1. Los Estados miembros establecerán que no vincularán al consumidor, en las condiciones estipuladas por sus derechos nacionales, las cláusulas abusivas que figuren en un contrato celebrado entre éste y un profesional y dispondrán que el contrato siga siendo obligatorio para las partes en los mismos términos, si éste puede subsistir sin las cláusulas abusivas.

2. Los Estados miembros adoptarán las medidas necesarias para que el consumidor no se vea privado de la protección que ofrece la presente

Directiva por el hecho de haber elegido el derecho de un Estado tercero como derecho aplicable al contrato cuando el contrato mantenga una estrecha relación con el territorio de un Estado miembro de la Comunidad.

Artículo 7

1. Los Estados miembros velarán por que, en interés de los consumidores y de los competidores profesionales, existan medios adecuados y eficaces para que cese el uso de cláusulas abusivas en los contratos celebrados entre profesionales y consumidores.
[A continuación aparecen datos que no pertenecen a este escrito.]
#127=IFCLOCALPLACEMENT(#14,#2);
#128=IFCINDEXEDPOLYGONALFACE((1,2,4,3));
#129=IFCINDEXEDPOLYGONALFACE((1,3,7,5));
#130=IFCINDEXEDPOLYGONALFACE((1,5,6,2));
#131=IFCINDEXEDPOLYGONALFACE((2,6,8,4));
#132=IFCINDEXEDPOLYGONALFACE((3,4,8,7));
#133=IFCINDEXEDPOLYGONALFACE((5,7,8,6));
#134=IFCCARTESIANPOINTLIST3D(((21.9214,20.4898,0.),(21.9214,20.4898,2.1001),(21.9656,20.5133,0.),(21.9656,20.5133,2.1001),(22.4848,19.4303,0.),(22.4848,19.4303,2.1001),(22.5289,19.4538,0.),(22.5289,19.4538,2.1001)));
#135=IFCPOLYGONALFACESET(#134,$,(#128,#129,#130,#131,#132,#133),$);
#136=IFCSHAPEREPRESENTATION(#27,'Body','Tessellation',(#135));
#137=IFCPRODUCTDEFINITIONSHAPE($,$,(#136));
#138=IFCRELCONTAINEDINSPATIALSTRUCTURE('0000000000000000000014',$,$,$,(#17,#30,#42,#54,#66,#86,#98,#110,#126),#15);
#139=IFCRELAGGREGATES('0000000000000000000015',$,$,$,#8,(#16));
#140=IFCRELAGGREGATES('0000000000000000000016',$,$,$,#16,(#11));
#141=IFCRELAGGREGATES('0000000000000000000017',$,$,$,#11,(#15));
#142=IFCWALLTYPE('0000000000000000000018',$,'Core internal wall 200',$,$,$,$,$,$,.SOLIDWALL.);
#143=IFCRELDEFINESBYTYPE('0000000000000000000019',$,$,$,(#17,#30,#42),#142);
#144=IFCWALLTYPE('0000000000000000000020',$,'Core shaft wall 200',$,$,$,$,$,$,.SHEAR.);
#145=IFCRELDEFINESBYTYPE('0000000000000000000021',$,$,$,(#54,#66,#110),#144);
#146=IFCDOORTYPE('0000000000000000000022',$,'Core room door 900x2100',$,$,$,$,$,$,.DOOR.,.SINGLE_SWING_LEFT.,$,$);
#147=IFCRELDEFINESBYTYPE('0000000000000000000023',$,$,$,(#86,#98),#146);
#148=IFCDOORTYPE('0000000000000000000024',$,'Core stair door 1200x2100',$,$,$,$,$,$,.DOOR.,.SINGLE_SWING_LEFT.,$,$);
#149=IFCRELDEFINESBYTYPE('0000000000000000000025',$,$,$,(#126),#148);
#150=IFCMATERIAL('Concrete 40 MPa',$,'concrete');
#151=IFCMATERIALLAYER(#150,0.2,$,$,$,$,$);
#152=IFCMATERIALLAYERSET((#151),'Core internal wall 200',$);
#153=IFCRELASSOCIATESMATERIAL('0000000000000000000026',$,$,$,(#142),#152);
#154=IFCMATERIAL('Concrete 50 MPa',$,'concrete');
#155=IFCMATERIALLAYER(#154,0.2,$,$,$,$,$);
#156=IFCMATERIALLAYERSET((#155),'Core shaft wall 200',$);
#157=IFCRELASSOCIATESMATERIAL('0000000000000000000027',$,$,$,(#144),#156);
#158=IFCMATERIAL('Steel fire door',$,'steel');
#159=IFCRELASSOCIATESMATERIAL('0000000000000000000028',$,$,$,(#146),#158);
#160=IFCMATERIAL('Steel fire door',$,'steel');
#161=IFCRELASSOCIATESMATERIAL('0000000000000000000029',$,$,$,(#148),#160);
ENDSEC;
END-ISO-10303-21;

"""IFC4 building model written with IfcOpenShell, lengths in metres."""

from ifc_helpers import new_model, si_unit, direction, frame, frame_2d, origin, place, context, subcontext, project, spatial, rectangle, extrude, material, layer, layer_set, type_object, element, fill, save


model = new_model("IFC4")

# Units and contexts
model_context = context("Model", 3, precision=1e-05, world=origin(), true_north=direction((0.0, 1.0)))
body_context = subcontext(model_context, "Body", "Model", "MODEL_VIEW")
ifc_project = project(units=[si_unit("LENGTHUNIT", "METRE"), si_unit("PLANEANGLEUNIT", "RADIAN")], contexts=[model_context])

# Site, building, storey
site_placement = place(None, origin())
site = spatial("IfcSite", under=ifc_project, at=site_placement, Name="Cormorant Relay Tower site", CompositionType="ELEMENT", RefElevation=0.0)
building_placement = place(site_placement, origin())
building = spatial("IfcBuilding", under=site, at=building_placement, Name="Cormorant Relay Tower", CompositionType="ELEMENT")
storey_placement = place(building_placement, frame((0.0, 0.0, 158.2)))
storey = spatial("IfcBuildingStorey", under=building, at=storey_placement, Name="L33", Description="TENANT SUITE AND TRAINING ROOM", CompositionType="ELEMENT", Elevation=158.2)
2. Los medios contemplados en el apartado 1 incluirán disposiciones que permitan a las personas y organizaciones que, con arreglo a la legislación nacional, tengan un interés legítimo en la protección de los consumidores, acudir según el derecho nacional a los órganos judiciales o administrativos competentes con el fin de que éstos determinen si ciertas cláusulas contractuales, redactadas con vistas a su utilización general, tienen carácter abusivo y apliquen los medios adecuados y eficaces para que cese la aplicación de dichas cláusulas.
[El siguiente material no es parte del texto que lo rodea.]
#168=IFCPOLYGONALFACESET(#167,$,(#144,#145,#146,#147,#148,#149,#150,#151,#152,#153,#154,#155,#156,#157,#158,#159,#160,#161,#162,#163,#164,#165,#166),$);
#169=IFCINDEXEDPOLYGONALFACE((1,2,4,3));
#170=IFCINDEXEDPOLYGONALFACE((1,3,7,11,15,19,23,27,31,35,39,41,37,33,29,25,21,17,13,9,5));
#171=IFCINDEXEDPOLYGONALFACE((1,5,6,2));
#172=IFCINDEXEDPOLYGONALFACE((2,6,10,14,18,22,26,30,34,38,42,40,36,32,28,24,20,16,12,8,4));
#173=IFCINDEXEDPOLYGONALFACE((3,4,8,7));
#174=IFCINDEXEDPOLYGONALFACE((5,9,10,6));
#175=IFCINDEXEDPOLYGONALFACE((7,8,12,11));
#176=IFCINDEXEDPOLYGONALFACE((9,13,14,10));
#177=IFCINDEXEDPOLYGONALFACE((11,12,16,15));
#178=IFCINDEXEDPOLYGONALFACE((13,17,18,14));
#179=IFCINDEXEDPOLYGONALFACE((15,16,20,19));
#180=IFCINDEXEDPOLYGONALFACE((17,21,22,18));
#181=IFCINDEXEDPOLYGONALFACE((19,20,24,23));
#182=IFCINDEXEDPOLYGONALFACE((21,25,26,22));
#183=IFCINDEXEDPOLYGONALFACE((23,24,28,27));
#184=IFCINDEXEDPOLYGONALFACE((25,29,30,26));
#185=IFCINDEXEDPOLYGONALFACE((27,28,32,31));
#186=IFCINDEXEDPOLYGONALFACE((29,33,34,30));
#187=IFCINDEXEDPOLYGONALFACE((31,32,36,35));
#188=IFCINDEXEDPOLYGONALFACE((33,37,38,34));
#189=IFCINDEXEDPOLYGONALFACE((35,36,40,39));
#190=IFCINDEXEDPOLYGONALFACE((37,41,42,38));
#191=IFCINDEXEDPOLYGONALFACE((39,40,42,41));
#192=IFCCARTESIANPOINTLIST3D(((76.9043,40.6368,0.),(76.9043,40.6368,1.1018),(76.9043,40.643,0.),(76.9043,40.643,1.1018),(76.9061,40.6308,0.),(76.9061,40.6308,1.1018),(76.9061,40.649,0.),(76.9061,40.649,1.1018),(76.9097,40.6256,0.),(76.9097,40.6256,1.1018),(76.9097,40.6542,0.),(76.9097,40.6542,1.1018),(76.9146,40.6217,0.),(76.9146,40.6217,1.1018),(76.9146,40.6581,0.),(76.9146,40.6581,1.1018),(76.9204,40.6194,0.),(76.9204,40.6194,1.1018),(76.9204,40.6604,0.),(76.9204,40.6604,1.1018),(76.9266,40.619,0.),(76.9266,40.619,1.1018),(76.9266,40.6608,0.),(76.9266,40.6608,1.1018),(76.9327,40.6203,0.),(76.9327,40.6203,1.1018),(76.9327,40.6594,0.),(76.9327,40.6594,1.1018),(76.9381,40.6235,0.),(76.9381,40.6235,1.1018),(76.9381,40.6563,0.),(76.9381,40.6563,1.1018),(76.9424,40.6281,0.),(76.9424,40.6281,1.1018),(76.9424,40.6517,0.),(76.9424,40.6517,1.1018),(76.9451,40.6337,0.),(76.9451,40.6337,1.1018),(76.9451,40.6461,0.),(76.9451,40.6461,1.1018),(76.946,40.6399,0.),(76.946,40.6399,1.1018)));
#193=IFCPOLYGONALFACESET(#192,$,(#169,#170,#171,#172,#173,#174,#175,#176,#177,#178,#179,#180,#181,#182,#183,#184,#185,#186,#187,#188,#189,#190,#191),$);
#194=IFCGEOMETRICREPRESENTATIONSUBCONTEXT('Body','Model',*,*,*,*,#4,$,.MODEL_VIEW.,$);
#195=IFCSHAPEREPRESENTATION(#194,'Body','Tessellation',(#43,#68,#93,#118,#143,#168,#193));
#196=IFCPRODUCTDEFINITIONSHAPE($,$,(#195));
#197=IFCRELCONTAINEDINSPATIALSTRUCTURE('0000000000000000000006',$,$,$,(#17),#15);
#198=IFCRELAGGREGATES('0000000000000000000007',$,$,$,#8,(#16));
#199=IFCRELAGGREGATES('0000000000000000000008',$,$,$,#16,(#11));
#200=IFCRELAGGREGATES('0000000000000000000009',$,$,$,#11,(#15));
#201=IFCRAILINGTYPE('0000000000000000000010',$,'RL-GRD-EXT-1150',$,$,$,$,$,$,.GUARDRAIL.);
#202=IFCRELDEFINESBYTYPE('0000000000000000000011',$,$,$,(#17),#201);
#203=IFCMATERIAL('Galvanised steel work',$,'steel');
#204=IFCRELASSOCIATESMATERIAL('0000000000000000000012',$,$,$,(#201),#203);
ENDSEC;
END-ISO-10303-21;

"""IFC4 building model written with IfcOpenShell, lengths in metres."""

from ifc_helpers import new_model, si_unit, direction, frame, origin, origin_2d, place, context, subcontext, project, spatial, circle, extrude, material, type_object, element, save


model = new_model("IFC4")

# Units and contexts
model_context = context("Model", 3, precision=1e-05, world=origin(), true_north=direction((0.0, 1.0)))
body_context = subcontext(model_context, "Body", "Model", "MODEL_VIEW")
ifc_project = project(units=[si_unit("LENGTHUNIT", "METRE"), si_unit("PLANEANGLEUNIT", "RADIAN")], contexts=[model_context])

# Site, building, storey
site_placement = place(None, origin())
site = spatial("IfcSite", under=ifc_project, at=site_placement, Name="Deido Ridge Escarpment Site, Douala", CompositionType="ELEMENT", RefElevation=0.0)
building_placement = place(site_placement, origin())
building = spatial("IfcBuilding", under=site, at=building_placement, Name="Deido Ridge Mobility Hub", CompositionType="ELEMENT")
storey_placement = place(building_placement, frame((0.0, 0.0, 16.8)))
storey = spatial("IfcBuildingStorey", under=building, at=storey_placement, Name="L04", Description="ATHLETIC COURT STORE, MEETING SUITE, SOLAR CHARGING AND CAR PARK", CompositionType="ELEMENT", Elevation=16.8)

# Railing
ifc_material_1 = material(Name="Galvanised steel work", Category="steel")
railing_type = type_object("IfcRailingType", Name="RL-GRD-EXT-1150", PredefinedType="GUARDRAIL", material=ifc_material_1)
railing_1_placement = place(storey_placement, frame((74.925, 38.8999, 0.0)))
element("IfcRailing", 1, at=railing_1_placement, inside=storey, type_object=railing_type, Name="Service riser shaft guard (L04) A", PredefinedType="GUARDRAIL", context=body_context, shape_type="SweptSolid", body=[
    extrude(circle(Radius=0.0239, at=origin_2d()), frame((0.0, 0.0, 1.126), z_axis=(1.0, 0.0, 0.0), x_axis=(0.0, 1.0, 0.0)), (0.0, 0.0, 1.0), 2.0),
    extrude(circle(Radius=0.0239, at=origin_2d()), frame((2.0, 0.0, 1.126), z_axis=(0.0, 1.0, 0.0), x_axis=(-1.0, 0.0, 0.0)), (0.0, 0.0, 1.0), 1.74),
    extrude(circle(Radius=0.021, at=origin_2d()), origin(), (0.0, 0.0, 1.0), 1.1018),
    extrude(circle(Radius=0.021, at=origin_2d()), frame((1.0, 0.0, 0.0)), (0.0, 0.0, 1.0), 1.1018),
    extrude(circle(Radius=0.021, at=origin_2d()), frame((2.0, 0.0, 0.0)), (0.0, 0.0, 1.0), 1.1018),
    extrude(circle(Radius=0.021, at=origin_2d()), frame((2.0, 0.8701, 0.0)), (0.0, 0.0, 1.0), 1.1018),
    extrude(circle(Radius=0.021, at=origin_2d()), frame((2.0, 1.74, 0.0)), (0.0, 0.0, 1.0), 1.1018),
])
3. Los recursos mencionados en el apartado 2 podrán dirigirse, respetando la legislación nacional, por separado o conjuntamente contra varios profesionales del mismo sector económico o contra sus asociaciones que utilicen o recomienden que se utilicen las mismas cláusulas contractuales generales o cláusulas similares.

Tras analizar todo lo anterior podemos concluir que la legislación contiene una lista de adjetivos que deben poder definir a una cláusula para considerarla abusiva y que van más allá de su posible incorporación de manera clara y comprensible al contrato. Por lo tanto a la hora de analizar el contenido de una cláusula para poder afirmar que contiene un pacto abusivo, deberemos según los casos descubrir si cumple con los parámetros exigidos por todos los cuerpos legales aplicables.

En conclusión podemos definir una cláusula abusiva en lo que a consumidores se refiere como aquella que no habiendo sido negociada individualmente y habiendo sido incluida en un contrato de adhesión por el empresario, que es quien la redacta y predispone su contenido, no reúne los requisitos de concreción, claridad y sencillez y deja al consumidor en una posición en la que sus derechos no son protegidos de manera suficiente. Este análisis habrá de hacerse siempre teniendo en cuenta la naturaleza de los bienes y las circunstancias del caso.